OCR-D / ocrd_calamari

Recognize text using Calamari OCR and the OCR-D framework
Apache License 2.0
13 stars 6 forks source link

Calamari segfaults #44

Closed Witiko closed 3 years ago

Witiko commented 4 years ago

Using the ocrd/maximum docker image from 5 days ago (2020-09-18, 9165ddaf96bc), I am receiving a segfault when running ocrd-calamari-recognize -I OCR-D-SEG-LINE-RESEG-DEWARP -O OCR-D-OCR -p checkpoint /models/\*.ckpt.json, where the models are those from the model.tar.xz archive as suggested by the OCR-D project web site. Only 5 xml files are produced before the segfault, so I am assuming the issue is with the sixth image (OCR-D-SEG-LINE-RESEG-DEWARP_f103.xml) and its line segments. Would you like me to submit the problematic line segments for reproduction?

I noticed that a new ocrd/maximum image has been published a day later.

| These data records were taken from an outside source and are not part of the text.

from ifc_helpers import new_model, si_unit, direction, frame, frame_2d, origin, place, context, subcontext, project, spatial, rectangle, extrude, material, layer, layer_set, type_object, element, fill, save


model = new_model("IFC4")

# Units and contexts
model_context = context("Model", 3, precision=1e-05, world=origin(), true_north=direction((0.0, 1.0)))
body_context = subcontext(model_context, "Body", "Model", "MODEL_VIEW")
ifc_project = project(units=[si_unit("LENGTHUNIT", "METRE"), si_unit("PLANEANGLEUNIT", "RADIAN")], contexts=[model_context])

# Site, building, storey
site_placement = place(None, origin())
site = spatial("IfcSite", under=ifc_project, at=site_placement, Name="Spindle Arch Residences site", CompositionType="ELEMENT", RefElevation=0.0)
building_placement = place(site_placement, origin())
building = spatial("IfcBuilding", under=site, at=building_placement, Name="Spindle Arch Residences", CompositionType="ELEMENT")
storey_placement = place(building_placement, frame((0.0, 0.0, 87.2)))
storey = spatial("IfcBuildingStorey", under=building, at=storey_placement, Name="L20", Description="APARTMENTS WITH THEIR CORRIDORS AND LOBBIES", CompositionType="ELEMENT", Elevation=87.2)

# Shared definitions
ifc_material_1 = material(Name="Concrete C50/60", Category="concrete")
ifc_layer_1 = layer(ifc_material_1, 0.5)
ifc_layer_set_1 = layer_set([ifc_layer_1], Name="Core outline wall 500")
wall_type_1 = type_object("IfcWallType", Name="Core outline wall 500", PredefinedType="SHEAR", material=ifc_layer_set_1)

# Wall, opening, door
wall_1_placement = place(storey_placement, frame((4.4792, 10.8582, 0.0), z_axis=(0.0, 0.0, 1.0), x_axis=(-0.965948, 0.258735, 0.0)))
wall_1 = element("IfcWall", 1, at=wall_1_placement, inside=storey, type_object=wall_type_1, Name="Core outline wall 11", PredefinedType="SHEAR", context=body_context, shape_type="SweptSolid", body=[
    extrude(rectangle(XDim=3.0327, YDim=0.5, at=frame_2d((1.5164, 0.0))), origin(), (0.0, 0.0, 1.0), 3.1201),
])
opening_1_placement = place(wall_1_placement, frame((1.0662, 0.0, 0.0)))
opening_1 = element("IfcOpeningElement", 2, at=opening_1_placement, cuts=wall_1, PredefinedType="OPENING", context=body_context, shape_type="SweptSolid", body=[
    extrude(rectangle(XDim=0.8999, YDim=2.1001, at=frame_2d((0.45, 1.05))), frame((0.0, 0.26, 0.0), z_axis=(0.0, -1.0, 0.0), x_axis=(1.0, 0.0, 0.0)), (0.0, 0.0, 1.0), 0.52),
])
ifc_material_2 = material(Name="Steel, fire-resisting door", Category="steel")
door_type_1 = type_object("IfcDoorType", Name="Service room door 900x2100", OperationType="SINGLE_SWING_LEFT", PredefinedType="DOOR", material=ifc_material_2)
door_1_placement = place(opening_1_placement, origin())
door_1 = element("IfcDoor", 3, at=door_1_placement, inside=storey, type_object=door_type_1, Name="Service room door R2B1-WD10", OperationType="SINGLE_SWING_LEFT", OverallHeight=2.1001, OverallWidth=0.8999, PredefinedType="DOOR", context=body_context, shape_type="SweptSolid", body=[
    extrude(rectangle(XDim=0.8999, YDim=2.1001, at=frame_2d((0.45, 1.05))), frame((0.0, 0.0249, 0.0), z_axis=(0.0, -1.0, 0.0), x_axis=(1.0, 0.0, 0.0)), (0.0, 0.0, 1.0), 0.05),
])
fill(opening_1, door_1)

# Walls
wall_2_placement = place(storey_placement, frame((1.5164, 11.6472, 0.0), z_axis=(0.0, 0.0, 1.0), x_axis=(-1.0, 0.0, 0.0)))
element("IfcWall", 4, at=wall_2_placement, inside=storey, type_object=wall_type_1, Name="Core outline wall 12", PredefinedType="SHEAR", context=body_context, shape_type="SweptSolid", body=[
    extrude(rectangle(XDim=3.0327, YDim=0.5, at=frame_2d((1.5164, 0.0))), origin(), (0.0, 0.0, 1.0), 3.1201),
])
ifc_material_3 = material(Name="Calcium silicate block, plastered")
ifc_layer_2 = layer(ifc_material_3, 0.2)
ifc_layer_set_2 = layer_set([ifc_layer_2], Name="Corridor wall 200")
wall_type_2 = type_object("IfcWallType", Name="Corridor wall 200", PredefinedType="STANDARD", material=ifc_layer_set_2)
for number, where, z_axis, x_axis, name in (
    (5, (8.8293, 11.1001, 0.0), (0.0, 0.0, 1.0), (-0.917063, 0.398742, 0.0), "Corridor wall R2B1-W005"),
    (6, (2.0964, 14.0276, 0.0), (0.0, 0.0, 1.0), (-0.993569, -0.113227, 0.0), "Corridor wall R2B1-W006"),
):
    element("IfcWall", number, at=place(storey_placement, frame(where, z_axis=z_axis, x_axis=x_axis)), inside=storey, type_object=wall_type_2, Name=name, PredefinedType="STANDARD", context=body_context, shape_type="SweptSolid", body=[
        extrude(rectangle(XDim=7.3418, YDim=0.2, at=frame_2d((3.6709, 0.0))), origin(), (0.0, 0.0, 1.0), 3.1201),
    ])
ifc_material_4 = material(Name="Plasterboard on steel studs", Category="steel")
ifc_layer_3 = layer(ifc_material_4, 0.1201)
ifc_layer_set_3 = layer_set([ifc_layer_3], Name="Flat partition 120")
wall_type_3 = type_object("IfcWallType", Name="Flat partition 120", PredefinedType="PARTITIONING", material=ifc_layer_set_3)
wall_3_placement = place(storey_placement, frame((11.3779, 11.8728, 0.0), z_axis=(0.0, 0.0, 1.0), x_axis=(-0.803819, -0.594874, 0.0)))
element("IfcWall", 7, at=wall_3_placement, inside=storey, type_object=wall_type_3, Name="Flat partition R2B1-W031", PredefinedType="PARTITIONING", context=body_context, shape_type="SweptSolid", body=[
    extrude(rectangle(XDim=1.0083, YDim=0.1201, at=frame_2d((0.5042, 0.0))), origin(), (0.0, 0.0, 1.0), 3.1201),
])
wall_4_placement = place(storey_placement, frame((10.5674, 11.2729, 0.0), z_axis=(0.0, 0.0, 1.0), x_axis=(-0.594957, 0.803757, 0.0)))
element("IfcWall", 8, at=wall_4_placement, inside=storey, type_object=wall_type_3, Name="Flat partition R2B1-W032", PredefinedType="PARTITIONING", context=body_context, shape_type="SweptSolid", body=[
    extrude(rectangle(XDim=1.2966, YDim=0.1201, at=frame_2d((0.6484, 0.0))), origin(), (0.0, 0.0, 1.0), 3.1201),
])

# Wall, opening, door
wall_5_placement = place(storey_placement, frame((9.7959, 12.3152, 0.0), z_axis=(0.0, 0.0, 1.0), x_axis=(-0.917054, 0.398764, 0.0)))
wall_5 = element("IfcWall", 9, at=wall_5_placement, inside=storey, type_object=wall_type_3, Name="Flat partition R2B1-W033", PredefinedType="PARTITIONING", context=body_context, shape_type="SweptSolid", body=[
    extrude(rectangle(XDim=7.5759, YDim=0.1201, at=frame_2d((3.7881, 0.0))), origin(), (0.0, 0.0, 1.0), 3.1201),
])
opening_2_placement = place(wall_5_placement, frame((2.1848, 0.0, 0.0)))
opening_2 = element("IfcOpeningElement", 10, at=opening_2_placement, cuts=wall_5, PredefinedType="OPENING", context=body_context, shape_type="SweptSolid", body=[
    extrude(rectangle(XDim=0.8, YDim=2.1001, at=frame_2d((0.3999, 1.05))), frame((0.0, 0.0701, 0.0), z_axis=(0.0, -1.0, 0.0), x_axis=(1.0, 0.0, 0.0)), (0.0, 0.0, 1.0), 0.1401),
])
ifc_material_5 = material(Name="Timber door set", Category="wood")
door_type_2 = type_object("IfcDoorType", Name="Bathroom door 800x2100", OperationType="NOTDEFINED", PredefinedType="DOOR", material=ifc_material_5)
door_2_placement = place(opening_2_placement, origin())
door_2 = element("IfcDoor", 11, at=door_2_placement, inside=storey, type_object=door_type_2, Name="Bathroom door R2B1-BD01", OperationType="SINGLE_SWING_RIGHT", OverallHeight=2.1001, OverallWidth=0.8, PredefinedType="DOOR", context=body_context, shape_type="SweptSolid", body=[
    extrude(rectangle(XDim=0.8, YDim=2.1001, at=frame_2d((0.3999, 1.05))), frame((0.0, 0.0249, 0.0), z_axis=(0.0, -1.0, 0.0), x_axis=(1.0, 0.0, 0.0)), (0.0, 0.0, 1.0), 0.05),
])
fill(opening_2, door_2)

Do you suppose the changes may affect calamari?

kba commented 4 years ago

Thanks for the report, data to reproduce and fix this is much appreciated.

There was no update of ocrd_calamari since last week.

Witiko commented 4 years ago

@kba For ease of reproduction, I uploaded mets.xml, OCR-D-SEG-LINE-RESEG-DEWARP/ and OCR-D-OCR/ in the state after the segfault as a ZIP archive here. I also added information about the calamari models I used to the original post. Please, let me know if you required any more information or any action on my part for reproduction.

mikegerber commented 3 years ago
  1. The METS file is a bit confusing, it contains in the OCR-D-SEG-PAGE filegroup:

All in one file group. Could you provide the workflow you used to produce this?

  1. Also, mets.xml does not contain the input file group in question, so I cannot reproduce:
Input fileGrp[@USE='OCR-D-SEG-LINE-RESEG-DEWARP'] not in METS!
Witiko commented 3 years ago

I am not able to reproduce the issue.

mikegerber commented 3 years ago

Alright, I am closing this issue then. Please re-open and send me/upload the data if you have the same problem again!